Die Jugend steht in der Kritik. Schon wieder. Diesmal lautet der Vorwurf "Feierwut": Die Jungen und Junggebliebenen – sagen wir die Generation U 25 – haben Parks und öffentliche Plätze in nächtliche Partyzonen verwandelt.

Wegen der Pandemie waren ihre sozialen Kontakte meist auf Zoom-Meetings beschränkt, selbst die Freunde aus der Schule oder der Uni bekam man nur am Laptop zu Gesicht. Jetzt bieten die frühsommerlichen Abende die Gelegenheit, Versäumtes nachzuholen.

Feiern, Tanzen, Trinken mit Freunden – alles, was seit Monaten untersagt war, ist wieder möglich. Zwar haben die Klubs weiterhin zu, aber die „Feierwütigen“ verlegen ihre Feste nach draußen, an den Donaukanal in Wien, auf die Passamtswiese im Grazer Stadtpark, in den Schillerpark in Klagenfurt.

"Ein Jahr verloren"

Anders als für 40- oder 50-Jährige sei „für junge Menschen ein Jahr ja eine ganze Welt“, sagt Cornelia Ehmayer-Rosinak, die in Wien als (Stadt)Psychologin tätig ist und sich auf den Umgang mit Konflikten im öffentlichen Raum spezialisiert hat. „Die haben wirklich das Gefühl, ein Jahr verloren zu haben.“ Entsprechend groß ist der Aufholbedarf; aber entsprechend groß sind auch die Folgen.

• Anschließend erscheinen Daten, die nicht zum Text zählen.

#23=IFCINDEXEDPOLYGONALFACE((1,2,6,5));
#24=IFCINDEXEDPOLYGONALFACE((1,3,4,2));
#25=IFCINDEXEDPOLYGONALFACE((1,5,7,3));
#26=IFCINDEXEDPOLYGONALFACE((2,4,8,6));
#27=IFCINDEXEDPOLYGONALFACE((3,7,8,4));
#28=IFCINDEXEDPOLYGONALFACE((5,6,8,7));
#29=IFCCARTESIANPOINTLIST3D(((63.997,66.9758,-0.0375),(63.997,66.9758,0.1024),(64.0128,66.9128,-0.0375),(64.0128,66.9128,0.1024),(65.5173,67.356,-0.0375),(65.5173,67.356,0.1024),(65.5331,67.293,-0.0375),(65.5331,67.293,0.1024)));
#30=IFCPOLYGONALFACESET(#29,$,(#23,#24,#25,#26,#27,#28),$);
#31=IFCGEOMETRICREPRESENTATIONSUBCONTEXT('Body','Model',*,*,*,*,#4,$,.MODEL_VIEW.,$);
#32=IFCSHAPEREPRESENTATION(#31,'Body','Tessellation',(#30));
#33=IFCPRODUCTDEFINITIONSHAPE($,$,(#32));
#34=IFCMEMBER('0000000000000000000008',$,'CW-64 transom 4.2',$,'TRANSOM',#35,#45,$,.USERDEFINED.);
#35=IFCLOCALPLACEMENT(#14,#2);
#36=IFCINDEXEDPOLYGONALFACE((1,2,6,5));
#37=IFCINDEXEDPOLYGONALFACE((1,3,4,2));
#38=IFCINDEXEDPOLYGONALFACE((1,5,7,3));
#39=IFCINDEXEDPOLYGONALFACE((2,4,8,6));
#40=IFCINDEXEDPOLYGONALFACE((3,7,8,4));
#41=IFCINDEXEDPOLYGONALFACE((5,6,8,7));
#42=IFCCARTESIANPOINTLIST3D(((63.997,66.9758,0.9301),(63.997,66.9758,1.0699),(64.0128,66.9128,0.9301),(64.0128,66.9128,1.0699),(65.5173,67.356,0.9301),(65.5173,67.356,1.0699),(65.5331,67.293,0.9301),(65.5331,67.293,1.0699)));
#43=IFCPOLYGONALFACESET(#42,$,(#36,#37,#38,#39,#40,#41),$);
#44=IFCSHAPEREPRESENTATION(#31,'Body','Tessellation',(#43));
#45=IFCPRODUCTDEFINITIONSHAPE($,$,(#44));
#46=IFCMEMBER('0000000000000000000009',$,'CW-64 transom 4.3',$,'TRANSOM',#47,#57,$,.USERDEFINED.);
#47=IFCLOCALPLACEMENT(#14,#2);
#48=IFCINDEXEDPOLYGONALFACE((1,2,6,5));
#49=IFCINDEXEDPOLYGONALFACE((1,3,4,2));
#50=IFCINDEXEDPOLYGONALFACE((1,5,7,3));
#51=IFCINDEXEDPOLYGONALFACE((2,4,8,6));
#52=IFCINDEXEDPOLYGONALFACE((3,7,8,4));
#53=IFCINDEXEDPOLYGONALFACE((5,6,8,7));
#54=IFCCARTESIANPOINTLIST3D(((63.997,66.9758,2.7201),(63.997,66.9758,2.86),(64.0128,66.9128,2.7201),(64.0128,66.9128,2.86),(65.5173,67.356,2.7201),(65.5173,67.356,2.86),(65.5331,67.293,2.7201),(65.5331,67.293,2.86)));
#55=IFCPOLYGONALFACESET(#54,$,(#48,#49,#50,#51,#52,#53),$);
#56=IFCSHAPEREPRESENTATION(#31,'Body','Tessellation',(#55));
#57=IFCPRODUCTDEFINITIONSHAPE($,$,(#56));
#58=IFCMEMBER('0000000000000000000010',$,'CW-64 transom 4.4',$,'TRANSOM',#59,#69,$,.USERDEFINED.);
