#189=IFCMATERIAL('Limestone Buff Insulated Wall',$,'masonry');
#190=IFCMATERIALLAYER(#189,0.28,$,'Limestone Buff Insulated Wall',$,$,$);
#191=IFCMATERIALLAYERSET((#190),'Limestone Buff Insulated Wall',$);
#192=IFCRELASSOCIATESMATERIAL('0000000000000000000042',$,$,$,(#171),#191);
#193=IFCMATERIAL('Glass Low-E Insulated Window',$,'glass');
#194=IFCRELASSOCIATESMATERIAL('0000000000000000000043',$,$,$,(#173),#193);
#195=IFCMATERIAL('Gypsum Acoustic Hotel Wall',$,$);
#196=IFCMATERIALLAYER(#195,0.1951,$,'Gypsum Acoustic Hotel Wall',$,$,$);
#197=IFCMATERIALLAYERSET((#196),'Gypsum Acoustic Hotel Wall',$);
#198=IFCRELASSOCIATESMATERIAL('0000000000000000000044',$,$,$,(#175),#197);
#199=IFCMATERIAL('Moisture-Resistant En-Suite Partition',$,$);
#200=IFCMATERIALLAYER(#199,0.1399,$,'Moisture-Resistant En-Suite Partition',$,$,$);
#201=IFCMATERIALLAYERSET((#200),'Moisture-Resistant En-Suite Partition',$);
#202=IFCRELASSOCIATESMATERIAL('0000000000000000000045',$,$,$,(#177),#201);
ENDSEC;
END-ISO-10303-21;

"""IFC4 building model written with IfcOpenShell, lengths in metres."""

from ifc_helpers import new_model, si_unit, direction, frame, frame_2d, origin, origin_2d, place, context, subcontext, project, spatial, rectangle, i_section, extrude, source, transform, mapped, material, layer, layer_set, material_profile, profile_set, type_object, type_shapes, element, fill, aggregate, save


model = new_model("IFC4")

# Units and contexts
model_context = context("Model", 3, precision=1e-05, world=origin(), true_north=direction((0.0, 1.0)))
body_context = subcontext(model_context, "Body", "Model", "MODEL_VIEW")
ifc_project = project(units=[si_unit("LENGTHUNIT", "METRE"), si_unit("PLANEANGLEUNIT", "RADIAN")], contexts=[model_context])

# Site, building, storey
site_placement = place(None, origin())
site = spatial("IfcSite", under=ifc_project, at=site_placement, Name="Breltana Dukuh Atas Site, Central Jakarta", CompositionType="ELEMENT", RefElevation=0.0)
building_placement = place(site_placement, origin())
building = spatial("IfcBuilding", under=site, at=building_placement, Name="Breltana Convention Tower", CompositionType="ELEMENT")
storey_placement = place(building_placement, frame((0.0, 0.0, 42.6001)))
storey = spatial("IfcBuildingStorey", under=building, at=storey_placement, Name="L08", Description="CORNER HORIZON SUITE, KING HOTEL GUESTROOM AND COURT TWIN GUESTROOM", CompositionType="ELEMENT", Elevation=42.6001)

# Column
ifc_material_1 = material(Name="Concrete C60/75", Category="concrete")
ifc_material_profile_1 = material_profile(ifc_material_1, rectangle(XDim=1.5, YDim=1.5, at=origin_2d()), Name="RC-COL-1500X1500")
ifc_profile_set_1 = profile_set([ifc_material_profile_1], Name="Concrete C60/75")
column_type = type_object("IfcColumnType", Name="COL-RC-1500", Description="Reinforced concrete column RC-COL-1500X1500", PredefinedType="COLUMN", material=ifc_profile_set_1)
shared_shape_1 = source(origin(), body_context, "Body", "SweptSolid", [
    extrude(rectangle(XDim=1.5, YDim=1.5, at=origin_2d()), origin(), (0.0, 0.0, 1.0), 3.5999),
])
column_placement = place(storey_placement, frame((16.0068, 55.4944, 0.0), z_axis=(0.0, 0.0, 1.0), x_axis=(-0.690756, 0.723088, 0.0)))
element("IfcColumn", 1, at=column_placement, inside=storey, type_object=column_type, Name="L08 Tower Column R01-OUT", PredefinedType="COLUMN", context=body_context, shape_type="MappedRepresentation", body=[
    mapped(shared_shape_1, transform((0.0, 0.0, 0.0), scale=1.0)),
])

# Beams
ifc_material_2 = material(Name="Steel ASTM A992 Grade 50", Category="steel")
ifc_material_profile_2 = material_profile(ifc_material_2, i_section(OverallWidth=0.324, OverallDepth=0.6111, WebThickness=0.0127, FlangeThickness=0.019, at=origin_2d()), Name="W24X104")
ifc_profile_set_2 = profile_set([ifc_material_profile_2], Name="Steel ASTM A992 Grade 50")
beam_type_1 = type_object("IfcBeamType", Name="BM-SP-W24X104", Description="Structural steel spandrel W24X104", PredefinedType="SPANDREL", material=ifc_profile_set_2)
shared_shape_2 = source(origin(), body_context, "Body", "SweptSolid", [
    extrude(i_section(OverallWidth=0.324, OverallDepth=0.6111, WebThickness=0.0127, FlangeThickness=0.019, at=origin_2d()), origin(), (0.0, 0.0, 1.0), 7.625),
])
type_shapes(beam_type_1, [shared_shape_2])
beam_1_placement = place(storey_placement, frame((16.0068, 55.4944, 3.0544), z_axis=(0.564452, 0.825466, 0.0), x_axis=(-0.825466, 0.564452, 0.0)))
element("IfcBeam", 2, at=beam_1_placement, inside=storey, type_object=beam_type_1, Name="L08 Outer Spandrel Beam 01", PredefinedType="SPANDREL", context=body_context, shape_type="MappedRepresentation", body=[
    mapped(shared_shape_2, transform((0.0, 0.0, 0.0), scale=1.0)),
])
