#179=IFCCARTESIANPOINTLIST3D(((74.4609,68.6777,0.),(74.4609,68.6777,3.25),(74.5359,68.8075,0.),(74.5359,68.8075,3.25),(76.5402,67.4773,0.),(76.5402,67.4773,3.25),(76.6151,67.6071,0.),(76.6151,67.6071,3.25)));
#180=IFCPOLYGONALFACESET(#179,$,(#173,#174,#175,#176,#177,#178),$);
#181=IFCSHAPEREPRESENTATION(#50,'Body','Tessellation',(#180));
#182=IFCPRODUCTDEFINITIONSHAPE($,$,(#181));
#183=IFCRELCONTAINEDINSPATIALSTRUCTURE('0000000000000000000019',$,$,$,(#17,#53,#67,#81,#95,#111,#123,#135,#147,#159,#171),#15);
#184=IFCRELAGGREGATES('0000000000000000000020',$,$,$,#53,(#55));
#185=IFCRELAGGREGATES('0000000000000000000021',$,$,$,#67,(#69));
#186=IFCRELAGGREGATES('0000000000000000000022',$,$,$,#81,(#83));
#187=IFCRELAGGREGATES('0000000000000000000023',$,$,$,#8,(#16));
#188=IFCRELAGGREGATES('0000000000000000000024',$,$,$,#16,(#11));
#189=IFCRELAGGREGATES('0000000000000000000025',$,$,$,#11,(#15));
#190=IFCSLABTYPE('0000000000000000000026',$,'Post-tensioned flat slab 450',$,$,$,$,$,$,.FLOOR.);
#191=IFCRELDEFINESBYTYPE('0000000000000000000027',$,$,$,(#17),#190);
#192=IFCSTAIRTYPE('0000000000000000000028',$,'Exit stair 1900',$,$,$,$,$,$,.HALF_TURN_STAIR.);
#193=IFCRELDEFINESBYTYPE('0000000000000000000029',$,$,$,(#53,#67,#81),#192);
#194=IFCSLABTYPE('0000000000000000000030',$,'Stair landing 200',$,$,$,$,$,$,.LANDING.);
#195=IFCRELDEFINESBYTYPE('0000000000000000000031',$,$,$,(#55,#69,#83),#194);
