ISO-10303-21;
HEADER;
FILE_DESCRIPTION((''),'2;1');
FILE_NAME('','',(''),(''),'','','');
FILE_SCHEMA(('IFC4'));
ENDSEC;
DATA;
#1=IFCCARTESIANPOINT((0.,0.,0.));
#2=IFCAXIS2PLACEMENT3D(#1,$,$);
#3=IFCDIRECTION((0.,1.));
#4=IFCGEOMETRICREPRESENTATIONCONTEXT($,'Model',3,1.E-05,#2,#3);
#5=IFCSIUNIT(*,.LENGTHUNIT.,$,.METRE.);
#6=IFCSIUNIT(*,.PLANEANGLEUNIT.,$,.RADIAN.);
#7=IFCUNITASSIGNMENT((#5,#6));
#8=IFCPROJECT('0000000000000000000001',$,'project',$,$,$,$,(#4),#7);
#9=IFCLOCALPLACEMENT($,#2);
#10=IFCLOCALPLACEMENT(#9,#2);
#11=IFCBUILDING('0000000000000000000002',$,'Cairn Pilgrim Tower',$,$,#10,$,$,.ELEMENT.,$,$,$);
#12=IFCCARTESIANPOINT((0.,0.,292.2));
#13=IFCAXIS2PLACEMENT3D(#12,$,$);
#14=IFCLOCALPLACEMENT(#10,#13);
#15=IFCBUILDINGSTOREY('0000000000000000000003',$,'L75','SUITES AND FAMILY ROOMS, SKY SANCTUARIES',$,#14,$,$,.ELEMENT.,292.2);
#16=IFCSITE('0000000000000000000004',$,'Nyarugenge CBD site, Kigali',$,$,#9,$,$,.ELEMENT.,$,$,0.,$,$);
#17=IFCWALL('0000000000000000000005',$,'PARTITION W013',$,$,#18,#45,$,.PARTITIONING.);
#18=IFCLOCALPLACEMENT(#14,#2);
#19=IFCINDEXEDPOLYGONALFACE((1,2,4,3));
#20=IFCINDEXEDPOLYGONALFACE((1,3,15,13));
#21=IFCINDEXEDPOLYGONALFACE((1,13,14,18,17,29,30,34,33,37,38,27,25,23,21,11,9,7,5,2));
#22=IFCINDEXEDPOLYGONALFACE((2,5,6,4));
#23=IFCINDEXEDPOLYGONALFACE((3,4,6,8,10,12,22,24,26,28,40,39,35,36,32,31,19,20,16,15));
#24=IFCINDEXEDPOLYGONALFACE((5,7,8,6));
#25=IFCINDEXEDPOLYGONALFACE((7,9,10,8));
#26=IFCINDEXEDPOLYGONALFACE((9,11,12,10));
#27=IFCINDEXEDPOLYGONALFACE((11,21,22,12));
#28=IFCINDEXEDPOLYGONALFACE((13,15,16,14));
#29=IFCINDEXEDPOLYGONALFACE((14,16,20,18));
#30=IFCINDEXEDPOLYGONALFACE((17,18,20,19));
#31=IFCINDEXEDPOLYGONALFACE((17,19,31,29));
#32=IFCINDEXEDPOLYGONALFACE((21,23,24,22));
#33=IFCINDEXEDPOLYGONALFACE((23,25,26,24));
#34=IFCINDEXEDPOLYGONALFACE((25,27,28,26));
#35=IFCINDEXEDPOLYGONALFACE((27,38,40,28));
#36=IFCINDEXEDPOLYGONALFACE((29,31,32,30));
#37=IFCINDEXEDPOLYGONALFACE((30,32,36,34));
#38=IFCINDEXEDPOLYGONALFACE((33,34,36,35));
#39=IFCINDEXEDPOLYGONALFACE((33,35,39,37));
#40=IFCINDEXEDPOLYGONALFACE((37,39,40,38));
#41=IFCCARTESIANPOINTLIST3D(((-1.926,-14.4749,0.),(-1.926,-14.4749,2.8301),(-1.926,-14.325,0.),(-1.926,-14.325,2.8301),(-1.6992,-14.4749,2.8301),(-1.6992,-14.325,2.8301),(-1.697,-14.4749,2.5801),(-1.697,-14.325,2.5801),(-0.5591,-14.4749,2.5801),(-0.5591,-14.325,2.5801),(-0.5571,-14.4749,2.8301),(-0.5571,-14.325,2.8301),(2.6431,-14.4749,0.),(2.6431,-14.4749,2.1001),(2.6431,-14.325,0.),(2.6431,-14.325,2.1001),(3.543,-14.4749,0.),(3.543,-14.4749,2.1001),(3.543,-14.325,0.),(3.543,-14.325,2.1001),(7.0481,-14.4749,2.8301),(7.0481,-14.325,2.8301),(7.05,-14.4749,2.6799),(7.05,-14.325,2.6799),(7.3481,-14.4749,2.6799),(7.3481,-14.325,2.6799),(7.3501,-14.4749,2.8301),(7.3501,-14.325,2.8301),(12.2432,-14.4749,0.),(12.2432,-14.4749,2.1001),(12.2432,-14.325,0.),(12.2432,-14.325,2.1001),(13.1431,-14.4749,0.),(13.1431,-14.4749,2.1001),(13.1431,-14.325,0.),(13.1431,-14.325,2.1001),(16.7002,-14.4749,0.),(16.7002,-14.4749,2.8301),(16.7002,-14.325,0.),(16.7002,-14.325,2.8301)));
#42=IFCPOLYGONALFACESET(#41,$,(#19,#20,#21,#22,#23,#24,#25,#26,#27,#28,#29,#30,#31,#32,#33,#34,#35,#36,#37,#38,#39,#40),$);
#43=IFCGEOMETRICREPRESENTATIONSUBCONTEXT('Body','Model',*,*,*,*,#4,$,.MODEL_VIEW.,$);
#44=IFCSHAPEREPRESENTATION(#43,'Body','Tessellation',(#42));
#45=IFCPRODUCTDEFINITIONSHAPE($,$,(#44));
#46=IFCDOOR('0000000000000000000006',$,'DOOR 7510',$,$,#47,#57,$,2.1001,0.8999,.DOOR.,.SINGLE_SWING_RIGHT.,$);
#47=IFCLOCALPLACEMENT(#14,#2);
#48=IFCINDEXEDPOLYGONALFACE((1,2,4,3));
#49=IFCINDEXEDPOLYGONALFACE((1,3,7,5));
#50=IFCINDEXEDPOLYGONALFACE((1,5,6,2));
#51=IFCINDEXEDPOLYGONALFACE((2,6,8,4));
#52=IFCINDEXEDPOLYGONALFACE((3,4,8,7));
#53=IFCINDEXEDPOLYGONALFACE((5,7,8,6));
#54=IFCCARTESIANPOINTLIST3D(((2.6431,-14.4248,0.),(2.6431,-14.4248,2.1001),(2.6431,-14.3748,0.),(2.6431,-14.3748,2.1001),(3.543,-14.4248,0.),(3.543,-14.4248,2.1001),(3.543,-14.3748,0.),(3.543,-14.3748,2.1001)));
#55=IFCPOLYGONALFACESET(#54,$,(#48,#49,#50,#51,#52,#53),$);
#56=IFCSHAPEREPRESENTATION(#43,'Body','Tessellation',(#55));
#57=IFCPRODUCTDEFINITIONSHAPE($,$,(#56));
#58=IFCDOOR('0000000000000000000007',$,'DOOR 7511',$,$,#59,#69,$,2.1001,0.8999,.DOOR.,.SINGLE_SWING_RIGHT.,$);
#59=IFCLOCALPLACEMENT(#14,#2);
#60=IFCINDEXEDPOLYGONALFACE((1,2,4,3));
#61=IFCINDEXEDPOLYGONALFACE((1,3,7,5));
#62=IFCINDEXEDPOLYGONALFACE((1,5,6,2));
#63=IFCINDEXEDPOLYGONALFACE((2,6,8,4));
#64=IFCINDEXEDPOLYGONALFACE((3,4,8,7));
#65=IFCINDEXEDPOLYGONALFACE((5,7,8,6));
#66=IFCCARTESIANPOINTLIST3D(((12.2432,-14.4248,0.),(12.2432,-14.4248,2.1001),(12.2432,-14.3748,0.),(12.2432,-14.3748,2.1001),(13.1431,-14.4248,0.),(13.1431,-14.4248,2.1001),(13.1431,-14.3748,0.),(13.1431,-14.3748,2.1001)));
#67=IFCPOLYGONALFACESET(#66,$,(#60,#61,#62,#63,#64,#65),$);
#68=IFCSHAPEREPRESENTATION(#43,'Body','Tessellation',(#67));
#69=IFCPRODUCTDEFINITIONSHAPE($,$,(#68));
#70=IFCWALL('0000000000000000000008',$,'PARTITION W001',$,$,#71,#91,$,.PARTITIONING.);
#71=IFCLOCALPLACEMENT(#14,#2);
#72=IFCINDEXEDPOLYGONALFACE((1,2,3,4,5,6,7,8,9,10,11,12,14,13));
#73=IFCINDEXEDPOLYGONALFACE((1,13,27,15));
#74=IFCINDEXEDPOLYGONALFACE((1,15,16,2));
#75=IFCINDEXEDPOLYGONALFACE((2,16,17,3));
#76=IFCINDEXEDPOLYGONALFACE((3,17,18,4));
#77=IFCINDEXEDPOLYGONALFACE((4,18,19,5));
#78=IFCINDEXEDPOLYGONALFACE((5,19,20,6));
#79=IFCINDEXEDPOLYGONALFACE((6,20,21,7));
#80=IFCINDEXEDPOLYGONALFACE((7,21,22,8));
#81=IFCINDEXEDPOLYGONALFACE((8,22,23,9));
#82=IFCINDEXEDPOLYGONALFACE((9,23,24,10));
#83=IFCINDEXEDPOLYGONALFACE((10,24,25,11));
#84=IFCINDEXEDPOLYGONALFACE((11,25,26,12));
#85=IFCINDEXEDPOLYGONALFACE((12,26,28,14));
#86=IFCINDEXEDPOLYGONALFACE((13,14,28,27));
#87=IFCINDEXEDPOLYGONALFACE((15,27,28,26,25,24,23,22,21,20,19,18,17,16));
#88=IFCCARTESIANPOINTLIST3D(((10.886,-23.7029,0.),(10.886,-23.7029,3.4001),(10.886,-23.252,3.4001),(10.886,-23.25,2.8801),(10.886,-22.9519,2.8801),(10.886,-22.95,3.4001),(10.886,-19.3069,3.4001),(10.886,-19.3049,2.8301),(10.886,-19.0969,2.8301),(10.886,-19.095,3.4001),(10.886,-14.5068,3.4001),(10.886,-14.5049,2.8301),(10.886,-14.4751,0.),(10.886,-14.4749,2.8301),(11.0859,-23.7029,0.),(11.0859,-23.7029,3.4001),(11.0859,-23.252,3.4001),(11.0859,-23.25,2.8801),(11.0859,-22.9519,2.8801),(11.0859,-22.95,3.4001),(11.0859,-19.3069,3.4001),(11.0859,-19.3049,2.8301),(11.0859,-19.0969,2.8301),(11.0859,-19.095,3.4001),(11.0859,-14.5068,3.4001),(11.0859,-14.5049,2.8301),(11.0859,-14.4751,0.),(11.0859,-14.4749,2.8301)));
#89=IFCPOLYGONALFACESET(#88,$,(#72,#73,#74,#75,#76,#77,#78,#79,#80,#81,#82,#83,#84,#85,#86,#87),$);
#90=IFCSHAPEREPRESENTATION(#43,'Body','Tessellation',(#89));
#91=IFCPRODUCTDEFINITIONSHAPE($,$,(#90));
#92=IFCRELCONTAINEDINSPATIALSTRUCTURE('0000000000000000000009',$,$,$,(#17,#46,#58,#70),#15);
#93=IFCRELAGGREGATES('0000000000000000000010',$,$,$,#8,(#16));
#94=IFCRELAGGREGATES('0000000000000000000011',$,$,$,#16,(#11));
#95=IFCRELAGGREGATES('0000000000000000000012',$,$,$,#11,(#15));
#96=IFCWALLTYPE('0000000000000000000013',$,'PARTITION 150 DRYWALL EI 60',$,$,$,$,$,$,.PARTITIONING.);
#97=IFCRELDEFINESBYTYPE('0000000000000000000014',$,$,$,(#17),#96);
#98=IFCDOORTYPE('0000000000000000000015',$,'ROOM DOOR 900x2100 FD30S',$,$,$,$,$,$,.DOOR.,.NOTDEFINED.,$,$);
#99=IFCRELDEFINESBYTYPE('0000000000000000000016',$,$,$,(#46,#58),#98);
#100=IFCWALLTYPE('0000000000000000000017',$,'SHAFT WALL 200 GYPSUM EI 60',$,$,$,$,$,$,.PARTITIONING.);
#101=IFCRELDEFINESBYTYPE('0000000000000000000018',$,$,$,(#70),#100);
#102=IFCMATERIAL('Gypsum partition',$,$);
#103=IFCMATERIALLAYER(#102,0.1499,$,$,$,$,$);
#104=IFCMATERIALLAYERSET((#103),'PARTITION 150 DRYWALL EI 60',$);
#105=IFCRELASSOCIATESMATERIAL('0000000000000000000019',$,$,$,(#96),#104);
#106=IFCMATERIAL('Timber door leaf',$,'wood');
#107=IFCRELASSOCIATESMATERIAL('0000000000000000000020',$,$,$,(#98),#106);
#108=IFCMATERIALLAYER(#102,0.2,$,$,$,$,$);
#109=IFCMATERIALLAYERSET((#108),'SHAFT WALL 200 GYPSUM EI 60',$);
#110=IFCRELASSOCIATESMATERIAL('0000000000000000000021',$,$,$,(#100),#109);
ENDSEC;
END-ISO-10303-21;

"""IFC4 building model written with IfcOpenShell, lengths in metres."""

from ifc_helpers import new_model, si_unit, direction, frame, frame_2d, origin, place, context, subcontext, project, spatial, polyline, rectangle, outline, extrude, material, layer, layer_set, type_object, element, fill, save


model = new_model("IFC4")

# Units and contexts
model_context = context("Model", 3, precision=1e-05, world=origin(), true_north=direction((0.0, 1.0)))
body_context = subcontext(model_context, "Body", "Model", "MODEL_VIEW")
ifc_project = project(units=[si_unit("LENGTHUNIT", "METRE"), si_unit("PLANEANGLEUNIT", "RADIAN")], contexts=[model_context])

# Site, building, storey
site_placement = place(None, origin())
site = spatial("IfcSite", under=ifc_project, at=site_placement, Name="Nyarugenge CBD site, Kigali", CompositionType="ELEMENT", RefElevation=0.0)
building_placement = place(site_placement, origin())
building = spatial("IfcBuilding", under=site, at=building_placement, Name="Cairn Pilgrim Tower", CompositionType="ELEMENT")
storey_placement = place(building_placement, frame((0.0, 0.0, 292.2)))
storey = spatial("IfcBuildingStorey", under=building, at=storey_placement, Name="L75", Description="SUITES AND FAMILY ROOMS, SKY SANCTUARIES", CompositionType="ELEMENT", Elevation=292.2)

# Shared definitions
ifc_material_1 = material(Name="Gypsum partition")

# Shared definitions
ifc_material_2 = material(Name="Timber door leaf", Category="wood")

# Wall, openings, doors
ifc_layer_1 = layer(ifc_material_1, 0.1499)
ifc_layer_set_1 = layer_set([ifc_layer_1], Name="PARTITION 150 DRYWALL EI 60")
wall_type_1 = type_object("IfcWallType", Name="PARTITION 150 DRYWALL EI 60", PredefinedType="PARTITIONING", material=ifc_layer_set_1)
wall_1_placement = place(storey_placement, frame((-1.926, -14.3999, 0.0), z_axis=(0.0, 0.0, 1.0), x_axis=(1.0, 0.0, 0.0)))
wall_1 = element("IfcWall", 1, at=wall_1_placement, inside=storey, type_object=wall_type_1, Name="PARTITION W013", PredefinedType="PARTITIONING", context=body_context, shape_type="SweptSolid", body=[
    extrude(outline(polyline([(0.0, 0.0), (18.6262, 0.0), (18.6262, 2.8301), (9.2761, 2.8301), (9.2742, 2.6799), (8.9761, 2.6799), (8.9741, 2.8301), (1.3689, 2.8301), (1.3669, 2.5801), (0.229, 2.5801), (0.2268, 2.8301), (0.0, 2.8301), (0.0, 0.0)])), frame((0.0, 0.075, 0.0), z_axis=(0.0, -1.0, 0.0), x_axis=(1.0, 0.0, 0.0)), (0.0, 0.0, 1.0), 0.1499),
])
opening_1_placement = place(wall_1_placement, frame((4.5691, 0.0, 0.0)))
opening_1 = element("IfcOpeningElement", 2, at=opening_1_placement, cuts=wall_1, PredefinedType="OPENING", context=body_context, shape_type="SweptSolid", body=[
    extrude(rectangle(XDim=0.8999, YDim=2.1001, at=frame_2d((0.45, 1.05))), frame((0.0, 0.085, 0.0), z_axis=(0.0, -1.0, 0.0), x_axis=(1.0, 0.0, 0.0)), (0.0, 0.0, 1.0), 0.1699),
])
opening_2_placement = place(wall_1_placement, frame((14.1692, 0.0, 0.0)))
opening_2 = element("IfcOpeningElement", 3, at=opening_2_placement, cuts=wall_1, PredefinedType="OPENING", context=body_context, shape_type="SweptSolid", body=[
    extrude(rectangle(XDim=0.8999, YDim=2.1001, at=frame_2d((0.45, 1.05))), frame((0.0, 0.085, 0.0), z_axis=(0.0, -1.0, 0.0), x_axis=(1.0, 0.0, 0.0)), (0.0, 0.0, 1.0), 0.1699),
])
door_type_1 = type_object("IfcDoorType", Name="ROOM DOOR 900x2100 FD30S", OperationType="NOTDEFINED", PredefinedType="DOOR", material=ifc_material_2)
door_1_placement = place(opening_1_placement, frame((0.8999, 0.0, 0.0), z_axis=(0.0, 0.0, 1.0), x_axis=(-1.0, 0.0, 0.0)))
door_1 = element("IfcDoor", 4, at=door_1_placement, inside=storey, type_object=door_type_1, Name="DOOR 7510", OperationType="SINGLE_SWING_RIGHT", OverallHeight=2.1001, OverallWidth=0.8999, PredefinedType="DOOR", context=body_context, shape_type="SweptSolid", body=[
    extrude(rectangle(XDim=0.8999, YDim=2.1001, at=frame_2d((0.45, 1.05))), frame((0.0, 0.0249, 0.0), z_axis=(0.0, -1.0, 0.0), x_axis=(1.0, 0.0, 0.0)), (0.0, 0.0, 1.0), 0.05),
])
fill(opening_1, door_1)
door_2_placement = place(opening_2_placement, frame((0.8999, 0.0, 0.0), z_axis=(0.0, 0.0, 1.0), x_axis=(-1.0, 0.0, 0.0)))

In Wien eskalierte zuletzt eine Freiluftparty am Karlsplatz: Die Polizei wurde mit Bierflaschen beworfen und setzte Pfefferspray ein, kurzzeitig wurde sogar ein Platzverbot verhängt. In Graz gehören nächtliche Schwerpunktaktionen längst zur Routine, bei der Beamte Lautsprecherboxen „sicherstellen“ und Dutzende Anzeigen schreiben. In Klagenfurt ist das Bild dasselbe.

Ehmayer-Rosinak bricht aber eine Lanze für die Jungen: „Im Grunde sind sie ja nicht aggressiv oder unleidlich – sondern einfach viele“, sagt sie. Und die Masse führt zu Konflikten.

In erster Linie mit Anrainern, die plötzlich nächtlichen Partylärm vor dem Schlafzimmerfenster haben. Und mit der Stadtverwaltung, die die zerbeulten Bierdosen und den zurückgelassenen Müll auf den Parkwiesen aufsammeln muss.

„Bei gesellschaftlich legitimierten Massenaufläufen – vom Public Viewing bis zum Aufsteirern in Graz – geben auch Erwachsene fürwahr kein Vorbild ab, was Alkoholmissbrauch, Müllproduktion und Rücksichtnahme auf Anrainer angeht“, sagt dazu Joachim Hainzl, Sozialpädagoge aus Graz, der sich seit Jahren mit der Nutzung des öffentlichen Raumes auseinandersetzt.

Hainzl versteht aber auch die Probleme der Anrainer, nicht zuletzt aufgrund eigener Erfahrungen: Deren Belastung dürfe man nicht kleinreden und wer selbst mit Studenten-WGs im selben Haus wohnt, wisse, dass sich „das Verständnis über die Nutzung von Nachtstunden gravierend unterscheidet“.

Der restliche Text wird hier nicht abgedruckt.